Problem and Requirements
Introduction
The New York Times article ‘Air disasters are rare in the US, close calls are a different story’ highlights a trend of incursions and near misses in the United States aviation industry. While there haven’t been major plane crashes for over a decade, close calls involving commercial airlines are occurring frequently, often due to human error and a shortage of air traffic controllers.
The number of near misses has doubled in the last decade, raising questions about the safety of the U.S. air travel system.
The concerned governmental authorities are analysing this issue currently.

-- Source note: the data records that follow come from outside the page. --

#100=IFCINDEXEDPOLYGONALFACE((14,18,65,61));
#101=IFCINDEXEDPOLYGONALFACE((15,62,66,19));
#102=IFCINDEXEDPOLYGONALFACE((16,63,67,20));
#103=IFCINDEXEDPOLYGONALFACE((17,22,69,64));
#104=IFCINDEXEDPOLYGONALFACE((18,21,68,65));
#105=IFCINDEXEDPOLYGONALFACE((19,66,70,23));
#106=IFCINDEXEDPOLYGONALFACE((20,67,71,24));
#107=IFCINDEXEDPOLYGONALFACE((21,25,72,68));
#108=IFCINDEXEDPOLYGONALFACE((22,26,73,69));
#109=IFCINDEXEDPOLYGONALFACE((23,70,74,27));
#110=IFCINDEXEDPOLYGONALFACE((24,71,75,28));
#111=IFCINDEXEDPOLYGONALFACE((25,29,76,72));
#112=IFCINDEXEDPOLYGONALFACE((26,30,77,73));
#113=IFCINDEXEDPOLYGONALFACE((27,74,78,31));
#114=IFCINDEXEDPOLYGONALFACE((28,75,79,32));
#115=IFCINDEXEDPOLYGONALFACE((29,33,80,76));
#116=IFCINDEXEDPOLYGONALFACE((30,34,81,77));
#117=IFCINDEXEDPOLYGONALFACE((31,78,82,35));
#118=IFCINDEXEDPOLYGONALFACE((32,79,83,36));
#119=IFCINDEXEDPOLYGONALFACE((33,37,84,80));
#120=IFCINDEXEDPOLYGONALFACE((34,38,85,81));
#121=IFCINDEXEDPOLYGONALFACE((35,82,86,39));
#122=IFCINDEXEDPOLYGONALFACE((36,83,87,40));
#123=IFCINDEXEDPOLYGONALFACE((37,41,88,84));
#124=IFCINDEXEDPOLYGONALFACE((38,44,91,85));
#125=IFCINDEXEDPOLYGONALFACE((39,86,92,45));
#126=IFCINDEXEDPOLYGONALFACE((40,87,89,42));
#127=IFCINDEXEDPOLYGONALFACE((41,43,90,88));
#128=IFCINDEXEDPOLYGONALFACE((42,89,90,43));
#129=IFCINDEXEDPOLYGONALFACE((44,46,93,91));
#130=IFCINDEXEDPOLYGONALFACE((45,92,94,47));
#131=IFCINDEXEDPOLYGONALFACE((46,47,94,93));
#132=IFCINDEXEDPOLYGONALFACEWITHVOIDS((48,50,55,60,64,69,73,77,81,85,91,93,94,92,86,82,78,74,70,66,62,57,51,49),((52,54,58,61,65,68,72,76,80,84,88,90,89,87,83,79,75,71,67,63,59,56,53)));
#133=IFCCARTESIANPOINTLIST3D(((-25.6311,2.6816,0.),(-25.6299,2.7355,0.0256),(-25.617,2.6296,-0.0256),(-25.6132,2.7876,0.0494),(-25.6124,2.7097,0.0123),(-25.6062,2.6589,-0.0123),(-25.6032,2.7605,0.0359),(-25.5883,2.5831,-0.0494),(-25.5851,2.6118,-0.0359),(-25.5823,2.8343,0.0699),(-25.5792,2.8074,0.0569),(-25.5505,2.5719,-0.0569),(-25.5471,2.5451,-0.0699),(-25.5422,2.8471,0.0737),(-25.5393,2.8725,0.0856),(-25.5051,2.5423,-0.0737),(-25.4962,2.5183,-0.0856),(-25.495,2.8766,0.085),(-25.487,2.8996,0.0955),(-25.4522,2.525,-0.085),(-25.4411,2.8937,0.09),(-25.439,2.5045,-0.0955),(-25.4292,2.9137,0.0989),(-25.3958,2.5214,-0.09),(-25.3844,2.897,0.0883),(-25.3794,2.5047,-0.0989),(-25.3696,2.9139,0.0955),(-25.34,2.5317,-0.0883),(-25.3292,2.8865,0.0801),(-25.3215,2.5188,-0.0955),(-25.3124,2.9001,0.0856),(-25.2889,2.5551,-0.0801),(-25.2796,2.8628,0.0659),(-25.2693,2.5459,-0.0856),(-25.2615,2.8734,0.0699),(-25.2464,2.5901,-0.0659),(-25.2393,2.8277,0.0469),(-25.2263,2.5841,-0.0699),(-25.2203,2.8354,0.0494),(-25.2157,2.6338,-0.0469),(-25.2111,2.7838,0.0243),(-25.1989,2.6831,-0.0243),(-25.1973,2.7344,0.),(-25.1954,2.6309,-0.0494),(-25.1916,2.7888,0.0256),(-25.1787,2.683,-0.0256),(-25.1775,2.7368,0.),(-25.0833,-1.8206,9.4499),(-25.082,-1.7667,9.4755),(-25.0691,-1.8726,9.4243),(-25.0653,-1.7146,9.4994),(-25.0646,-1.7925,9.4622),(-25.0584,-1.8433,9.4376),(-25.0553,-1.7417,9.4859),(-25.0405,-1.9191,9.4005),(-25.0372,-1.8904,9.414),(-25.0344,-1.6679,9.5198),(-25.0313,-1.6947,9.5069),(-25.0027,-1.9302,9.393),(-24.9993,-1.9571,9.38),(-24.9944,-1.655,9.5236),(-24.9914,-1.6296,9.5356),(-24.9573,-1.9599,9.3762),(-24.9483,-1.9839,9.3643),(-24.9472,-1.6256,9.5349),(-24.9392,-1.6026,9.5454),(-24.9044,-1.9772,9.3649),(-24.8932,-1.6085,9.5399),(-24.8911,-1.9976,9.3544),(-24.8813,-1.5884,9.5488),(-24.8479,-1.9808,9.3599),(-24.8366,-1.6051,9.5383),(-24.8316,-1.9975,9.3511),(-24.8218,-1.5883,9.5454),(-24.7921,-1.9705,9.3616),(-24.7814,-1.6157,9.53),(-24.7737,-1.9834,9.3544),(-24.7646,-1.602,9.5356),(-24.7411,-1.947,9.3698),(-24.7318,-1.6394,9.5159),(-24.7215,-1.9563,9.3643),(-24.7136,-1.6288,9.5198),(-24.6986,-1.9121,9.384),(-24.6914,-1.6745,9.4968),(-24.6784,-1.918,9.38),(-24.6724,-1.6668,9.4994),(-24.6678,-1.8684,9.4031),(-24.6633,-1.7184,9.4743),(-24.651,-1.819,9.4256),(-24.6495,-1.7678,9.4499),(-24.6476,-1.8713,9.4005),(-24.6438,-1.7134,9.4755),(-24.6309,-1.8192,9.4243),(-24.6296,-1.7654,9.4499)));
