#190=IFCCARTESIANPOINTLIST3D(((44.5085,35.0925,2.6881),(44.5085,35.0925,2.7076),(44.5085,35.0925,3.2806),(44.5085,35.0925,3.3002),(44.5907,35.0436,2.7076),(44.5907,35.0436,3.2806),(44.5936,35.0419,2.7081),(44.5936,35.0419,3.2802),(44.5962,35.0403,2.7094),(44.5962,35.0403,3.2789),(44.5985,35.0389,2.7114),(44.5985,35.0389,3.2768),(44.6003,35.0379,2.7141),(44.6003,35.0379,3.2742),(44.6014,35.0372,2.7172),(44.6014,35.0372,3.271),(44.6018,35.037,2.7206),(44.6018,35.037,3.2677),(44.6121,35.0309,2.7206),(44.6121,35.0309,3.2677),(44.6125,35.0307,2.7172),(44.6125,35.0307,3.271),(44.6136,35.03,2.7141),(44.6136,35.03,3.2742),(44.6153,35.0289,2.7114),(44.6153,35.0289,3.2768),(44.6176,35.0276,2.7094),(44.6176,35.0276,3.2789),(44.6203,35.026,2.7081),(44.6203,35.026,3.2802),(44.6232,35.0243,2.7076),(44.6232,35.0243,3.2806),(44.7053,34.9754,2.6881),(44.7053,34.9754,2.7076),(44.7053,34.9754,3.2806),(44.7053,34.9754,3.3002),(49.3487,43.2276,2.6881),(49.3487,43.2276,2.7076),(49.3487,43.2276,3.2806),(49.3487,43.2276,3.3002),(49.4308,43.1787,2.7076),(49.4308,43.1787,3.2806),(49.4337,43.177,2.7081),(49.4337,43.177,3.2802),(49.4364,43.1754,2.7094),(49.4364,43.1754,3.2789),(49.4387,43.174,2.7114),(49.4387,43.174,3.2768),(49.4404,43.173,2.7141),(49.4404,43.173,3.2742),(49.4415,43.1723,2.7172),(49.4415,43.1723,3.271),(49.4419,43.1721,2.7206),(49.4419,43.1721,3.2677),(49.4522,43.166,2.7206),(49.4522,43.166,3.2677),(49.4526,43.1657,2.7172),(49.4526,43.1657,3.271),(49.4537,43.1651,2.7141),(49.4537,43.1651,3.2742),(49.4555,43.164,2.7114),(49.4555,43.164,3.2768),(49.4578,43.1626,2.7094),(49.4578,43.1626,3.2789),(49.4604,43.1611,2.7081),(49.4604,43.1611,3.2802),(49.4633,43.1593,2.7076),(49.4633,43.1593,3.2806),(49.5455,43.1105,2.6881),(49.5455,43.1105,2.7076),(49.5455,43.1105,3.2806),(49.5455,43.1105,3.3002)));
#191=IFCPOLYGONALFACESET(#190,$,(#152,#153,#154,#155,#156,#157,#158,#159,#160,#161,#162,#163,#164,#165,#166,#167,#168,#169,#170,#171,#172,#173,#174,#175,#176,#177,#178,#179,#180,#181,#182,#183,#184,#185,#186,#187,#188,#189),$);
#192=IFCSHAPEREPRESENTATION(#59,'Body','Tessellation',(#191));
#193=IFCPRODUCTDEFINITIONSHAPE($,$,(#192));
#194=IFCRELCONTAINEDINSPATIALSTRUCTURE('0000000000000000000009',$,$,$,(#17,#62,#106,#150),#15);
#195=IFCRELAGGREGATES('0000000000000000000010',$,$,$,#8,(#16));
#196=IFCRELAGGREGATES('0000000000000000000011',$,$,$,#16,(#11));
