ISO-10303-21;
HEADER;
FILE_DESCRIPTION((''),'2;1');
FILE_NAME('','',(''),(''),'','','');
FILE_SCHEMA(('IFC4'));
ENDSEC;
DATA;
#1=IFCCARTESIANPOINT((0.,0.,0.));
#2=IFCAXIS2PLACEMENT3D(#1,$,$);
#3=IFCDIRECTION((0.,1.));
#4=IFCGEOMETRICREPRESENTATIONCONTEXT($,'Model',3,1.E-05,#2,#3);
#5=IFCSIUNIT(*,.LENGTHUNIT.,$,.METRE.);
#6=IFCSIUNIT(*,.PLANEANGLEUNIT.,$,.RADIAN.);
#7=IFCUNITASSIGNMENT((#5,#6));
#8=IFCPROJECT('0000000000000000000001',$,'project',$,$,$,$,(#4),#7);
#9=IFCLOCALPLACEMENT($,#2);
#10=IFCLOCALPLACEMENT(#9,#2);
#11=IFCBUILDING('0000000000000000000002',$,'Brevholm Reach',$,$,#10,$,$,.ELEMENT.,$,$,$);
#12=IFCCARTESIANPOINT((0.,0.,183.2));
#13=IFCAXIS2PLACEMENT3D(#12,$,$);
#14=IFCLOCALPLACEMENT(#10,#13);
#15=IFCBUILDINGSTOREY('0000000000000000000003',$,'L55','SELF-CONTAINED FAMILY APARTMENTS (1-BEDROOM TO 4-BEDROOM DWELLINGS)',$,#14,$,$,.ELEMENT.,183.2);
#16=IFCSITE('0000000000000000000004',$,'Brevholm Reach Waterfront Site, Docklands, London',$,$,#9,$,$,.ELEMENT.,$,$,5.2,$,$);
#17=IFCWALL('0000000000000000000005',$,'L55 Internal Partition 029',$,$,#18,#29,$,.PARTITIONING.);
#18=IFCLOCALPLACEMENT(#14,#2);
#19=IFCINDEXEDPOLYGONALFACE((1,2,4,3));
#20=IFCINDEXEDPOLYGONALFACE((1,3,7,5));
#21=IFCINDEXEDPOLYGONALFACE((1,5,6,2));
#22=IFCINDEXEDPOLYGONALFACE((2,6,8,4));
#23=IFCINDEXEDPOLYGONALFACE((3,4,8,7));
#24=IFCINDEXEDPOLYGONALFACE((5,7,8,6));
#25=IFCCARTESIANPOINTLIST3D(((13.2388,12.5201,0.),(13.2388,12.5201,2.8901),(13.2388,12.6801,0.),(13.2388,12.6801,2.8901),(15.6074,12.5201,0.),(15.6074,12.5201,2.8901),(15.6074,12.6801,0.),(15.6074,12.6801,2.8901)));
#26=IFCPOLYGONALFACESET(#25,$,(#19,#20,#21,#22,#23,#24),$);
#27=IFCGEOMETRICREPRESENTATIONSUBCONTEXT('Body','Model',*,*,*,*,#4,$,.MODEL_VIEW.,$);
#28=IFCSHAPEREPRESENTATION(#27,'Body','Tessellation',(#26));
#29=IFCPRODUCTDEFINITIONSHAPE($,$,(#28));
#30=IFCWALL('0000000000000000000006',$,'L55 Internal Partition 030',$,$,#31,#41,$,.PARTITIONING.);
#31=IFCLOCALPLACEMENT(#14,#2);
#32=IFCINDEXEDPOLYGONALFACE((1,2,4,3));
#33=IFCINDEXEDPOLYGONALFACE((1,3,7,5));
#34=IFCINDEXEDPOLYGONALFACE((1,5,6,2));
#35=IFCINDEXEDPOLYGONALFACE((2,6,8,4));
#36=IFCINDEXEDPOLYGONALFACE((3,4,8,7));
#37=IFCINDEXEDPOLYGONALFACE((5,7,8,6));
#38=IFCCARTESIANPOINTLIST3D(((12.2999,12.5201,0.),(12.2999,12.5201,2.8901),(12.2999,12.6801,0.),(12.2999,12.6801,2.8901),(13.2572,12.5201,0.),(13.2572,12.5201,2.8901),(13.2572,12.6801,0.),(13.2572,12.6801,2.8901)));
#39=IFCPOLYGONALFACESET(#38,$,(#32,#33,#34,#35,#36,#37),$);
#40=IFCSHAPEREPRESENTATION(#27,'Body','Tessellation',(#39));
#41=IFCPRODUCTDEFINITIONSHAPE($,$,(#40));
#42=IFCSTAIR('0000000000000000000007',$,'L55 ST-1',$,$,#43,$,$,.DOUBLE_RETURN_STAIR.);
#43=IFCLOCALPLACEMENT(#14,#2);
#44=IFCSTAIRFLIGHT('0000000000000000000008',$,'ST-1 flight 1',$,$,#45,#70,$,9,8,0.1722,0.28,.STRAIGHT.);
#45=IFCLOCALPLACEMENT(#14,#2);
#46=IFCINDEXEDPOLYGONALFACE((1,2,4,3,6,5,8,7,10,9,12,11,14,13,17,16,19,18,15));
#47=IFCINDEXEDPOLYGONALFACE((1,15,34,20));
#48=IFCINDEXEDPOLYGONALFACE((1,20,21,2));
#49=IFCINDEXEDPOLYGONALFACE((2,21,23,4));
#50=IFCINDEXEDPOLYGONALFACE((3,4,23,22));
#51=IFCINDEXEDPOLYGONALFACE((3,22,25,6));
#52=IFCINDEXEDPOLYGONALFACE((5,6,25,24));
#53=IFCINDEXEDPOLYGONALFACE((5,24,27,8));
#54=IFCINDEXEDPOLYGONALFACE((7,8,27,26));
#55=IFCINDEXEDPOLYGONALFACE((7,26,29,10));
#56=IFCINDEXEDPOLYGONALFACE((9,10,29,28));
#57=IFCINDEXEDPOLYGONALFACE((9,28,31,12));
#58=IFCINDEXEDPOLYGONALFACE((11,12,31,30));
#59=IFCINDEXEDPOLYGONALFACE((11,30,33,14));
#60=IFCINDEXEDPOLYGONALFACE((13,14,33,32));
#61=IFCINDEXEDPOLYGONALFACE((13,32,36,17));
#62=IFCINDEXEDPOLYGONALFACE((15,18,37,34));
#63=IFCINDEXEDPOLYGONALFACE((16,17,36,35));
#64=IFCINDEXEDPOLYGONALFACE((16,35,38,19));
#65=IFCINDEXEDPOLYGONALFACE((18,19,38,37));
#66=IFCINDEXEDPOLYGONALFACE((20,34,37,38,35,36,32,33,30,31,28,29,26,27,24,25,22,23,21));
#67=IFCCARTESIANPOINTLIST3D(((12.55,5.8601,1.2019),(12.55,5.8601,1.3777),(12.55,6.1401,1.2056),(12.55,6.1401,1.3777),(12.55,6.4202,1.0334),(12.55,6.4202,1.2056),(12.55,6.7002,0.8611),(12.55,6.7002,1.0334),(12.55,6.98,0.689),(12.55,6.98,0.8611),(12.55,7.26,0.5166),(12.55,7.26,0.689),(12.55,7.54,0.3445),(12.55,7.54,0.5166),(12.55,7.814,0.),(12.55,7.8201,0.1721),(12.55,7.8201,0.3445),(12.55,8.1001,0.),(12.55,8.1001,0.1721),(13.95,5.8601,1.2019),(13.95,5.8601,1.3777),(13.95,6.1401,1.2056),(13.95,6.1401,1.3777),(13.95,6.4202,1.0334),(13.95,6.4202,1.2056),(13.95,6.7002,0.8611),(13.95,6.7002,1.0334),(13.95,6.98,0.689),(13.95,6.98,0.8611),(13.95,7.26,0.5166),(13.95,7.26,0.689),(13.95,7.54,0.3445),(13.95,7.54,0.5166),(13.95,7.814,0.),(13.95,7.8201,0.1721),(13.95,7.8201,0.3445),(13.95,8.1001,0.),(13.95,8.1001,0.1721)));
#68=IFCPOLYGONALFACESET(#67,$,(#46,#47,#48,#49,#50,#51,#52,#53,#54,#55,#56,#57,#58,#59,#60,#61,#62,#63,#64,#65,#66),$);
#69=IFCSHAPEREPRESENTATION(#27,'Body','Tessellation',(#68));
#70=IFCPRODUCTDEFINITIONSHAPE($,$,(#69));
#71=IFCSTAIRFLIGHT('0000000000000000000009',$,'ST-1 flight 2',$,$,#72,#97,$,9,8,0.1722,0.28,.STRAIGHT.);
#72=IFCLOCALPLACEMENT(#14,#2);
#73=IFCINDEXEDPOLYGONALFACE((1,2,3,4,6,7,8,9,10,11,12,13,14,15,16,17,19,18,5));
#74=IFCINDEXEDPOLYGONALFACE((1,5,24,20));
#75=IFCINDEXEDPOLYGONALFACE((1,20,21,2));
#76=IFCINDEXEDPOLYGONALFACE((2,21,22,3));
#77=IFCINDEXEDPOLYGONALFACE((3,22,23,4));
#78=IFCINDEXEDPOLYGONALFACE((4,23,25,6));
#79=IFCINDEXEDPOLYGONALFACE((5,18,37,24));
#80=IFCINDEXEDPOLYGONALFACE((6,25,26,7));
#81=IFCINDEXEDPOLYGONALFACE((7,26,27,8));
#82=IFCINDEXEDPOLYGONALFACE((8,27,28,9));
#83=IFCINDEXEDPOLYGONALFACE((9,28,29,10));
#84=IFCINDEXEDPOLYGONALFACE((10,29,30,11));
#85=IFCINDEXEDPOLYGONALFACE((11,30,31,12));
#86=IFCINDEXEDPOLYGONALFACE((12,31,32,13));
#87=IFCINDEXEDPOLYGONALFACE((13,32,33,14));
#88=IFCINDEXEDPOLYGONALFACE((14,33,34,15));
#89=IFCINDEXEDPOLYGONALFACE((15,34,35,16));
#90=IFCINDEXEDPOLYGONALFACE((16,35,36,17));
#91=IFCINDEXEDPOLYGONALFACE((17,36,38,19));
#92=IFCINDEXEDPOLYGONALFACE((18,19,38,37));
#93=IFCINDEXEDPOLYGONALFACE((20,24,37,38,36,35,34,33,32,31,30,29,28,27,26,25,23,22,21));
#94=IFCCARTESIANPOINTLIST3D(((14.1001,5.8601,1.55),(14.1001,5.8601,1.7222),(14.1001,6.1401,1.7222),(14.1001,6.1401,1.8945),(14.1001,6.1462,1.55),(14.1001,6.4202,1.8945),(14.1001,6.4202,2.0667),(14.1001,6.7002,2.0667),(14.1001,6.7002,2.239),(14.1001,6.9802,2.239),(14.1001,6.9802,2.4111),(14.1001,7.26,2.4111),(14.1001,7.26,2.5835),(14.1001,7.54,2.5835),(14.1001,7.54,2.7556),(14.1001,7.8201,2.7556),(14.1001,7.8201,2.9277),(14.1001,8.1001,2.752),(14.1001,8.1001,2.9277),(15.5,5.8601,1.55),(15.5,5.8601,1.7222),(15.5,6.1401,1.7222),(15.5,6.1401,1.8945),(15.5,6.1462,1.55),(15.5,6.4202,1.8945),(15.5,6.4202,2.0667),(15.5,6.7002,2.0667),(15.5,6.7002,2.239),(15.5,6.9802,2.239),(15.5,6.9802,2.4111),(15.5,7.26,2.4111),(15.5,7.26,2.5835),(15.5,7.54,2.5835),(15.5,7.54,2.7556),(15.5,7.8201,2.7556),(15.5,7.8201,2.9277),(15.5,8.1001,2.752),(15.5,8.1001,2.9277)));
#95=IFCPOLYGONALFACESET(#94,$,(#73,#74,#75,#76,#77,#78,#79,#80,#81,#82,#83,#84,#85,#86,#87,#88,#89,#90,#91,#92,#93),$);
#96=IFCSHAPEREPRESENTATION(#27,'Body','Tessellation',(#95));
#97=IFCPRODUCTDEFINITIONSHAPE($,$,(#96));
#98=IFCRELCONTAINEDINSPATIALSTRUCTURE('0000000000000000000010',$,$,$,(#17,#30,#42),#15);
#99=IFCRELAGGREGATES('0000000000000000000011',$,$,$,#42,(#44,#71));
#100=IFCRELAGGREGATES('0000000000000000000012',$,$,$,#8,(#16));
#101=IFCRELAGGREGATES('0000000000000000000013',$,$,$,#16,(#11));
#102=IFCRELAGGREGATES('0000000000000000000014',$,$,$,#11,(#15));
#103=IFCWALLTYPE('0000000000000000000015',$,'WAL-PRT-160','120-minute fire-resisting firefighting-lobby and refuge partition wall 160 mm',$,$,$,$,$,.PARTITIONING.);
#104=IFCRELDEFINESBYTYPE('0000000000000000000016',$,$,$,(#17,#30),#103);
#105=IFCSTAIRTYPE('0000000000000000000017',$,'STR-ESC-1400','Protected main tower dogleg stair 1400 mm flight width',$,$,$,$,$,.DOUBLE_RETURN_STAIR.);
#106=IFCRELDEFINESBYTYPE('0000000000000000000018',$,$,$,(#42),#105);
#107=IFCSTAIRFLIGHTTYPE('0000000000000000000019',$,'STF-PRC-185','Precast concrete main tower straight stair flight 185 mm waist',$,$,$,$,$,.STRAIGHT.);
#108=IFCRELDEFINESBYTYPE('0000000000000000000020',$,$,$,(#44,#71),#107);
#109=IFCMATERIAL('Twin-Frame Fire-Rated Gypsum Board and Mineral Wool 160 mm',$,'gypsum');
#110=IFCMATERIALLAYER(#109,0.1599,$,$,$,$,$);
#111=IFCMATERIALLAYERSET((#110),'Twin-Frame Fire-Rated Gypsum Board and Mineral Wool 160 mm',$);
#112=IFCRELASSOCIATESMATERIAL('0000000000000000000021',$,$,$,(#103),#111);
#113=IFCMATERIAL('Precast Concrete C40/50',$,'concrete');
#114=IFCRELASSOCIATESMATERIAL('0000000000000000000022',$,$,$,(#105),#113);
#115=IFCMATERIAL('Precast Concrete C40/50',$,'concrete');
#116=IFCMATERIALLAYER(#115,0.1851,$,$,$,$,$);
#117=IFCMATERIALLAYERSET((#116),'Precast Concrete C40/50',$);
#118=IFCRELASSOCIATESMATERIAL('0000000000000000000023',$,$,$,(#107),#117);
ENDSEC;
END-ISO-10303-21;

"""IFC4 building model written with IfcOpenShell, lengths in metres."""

from ifc_helpers import new_model, si_unit, direction, frame, frame_2d, origin, place, context, subcontext, project, spatial, polyline, rectangle, outline, extrude, material, layer, layer_set, type_object, element, aggregate, save


model = new_model("IFC4")

# Units and contexts
model_context = context("Model", 3, precision=1e-05, world=origin(), true_north=direction((0.0, 1.0)))
body_context = subcontext(model_context, "Body", "Model", "MODEL_VIEW")
ifc_project = project(units=[si_unit("LENGTHUNIT", "METRE"), si_unit("PLANEANGLEUNIT", "RADIAN")], contexts=[model_context])

# Site, building, storey
site_placement = place(None, origin())
site = spatial("IfcSite", under=ifc_project, at=site_placement, Name="Brevholm Reach Waterfront Site, Docklands, London", CompositionType="ELEMENT", RefElevation=5.2)
building_placement = place(site_placement, origin())
building = spatial("IfcBuilding", under=site, at=building_placement, Name="Brevholm Reach", CompositionType="ELEMENT")
storey_placement = place(building_placement, frame((0.0, 0.0, 183.2)))
storey = spatial("IfcBuildingStorey", under=building, at=storey_placement, Name="L55", Description="SELF-CONTAINED FAMILY APARTMENTS (1-BEDROOM TO 4-BEDROOM DWELLINGS)", CompositionType="ELEMENT", Elevation=183.2)

# Shared definitions
ifc_material_1 = material(Name="Twin-Frame Fire-Rated Gypsum Board and Mineral Wool 160 mm", Category="gypsum")
ifc_layer_1 = layer(ifc_material_1, 0.1599)
ifc_layer_set_1 = layer_set([ifc_layer_1], Name="Twin-Frame Fire-Rated Gypsum Board and Mineral Wool 160 mm")
wall_type_1 = type_object("IfcWallType", Name="WAL-PRT-160", Description="120-minute fire-resisting firefighting-lobby and refuge partition wall 160 mm", PredefinedType="PARTITIONING", material=ifc_layer_set_1)

# Walls
wall_1_placement = place(storey_placement, frame((13.2388, 12.6001, 0.0), z_axis=(0.0, 0.0, 1.0), x_axis=(1.0, 0.0, 0.0)))
element("IfcWall", 1, at=wall_1_placement, inside=storey, type_object=wall_type_1, Name="L55 Internal Partition 029", PredefinedType="PARTITIONING", context=body_context, shape_type="SweptSolid", body=[
    extrude(rectangle(XDim=2.3687, YDim=0.1599, at=frame_2d((1.1843, 0.0))), origin(), (0.0, 0.0, 1.0), 2.8901),
])
wall_2_placement = place(storey_placement, frame((12.3, 12.6001, 0.0), z_axis=(0.0, 0.0, 1.0), x_axis=(1.0, 0.0, 0.0)))
element("IfcWall", 2, at=wall_2_placement, inside=storey, type_object=wall_type_1, Name="L55 Internal Partition 030", PredefinedType="PARTITIONING", context=body_context, shape_type="SweptSolid", body=[
    extrude(rectangle(XDim=0.9573, YDim=0.1599, at=frame_2d((0.4785, 0.0))), origin(), (0.0, 0.0, 1.0), 2.8901),
])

Through this project, our team plans to take direct action and contribute as researchers on how to improve the situation of runway incursions.
Motivation
The United States alone has an annual passenger traffic of 666 million passengers (in 2021). In recent years aviation safety reporting system has received a record number of incident reports which points to a major question whether the safety standards have been degrading or the number of reports has been increasing. Whatever may be the case there are millions of passengers who travel in these aircraft and therefore it becomes necessary to find out the root causes of these faults.
Problem for the Semester
- To analyze aviation incursion reports and determine the primary safety concerns and system fracture points leading to such situations with compelling data. To improve aviation safety through the analysis of NASA’s ASRS data.
- To use Machine Learning and Natural Language Processing models to process data and extract useful statistics from (45000, 126) records that can be used to make suggestions to the concerned authorities and effectively alleviate the ongoing crisis.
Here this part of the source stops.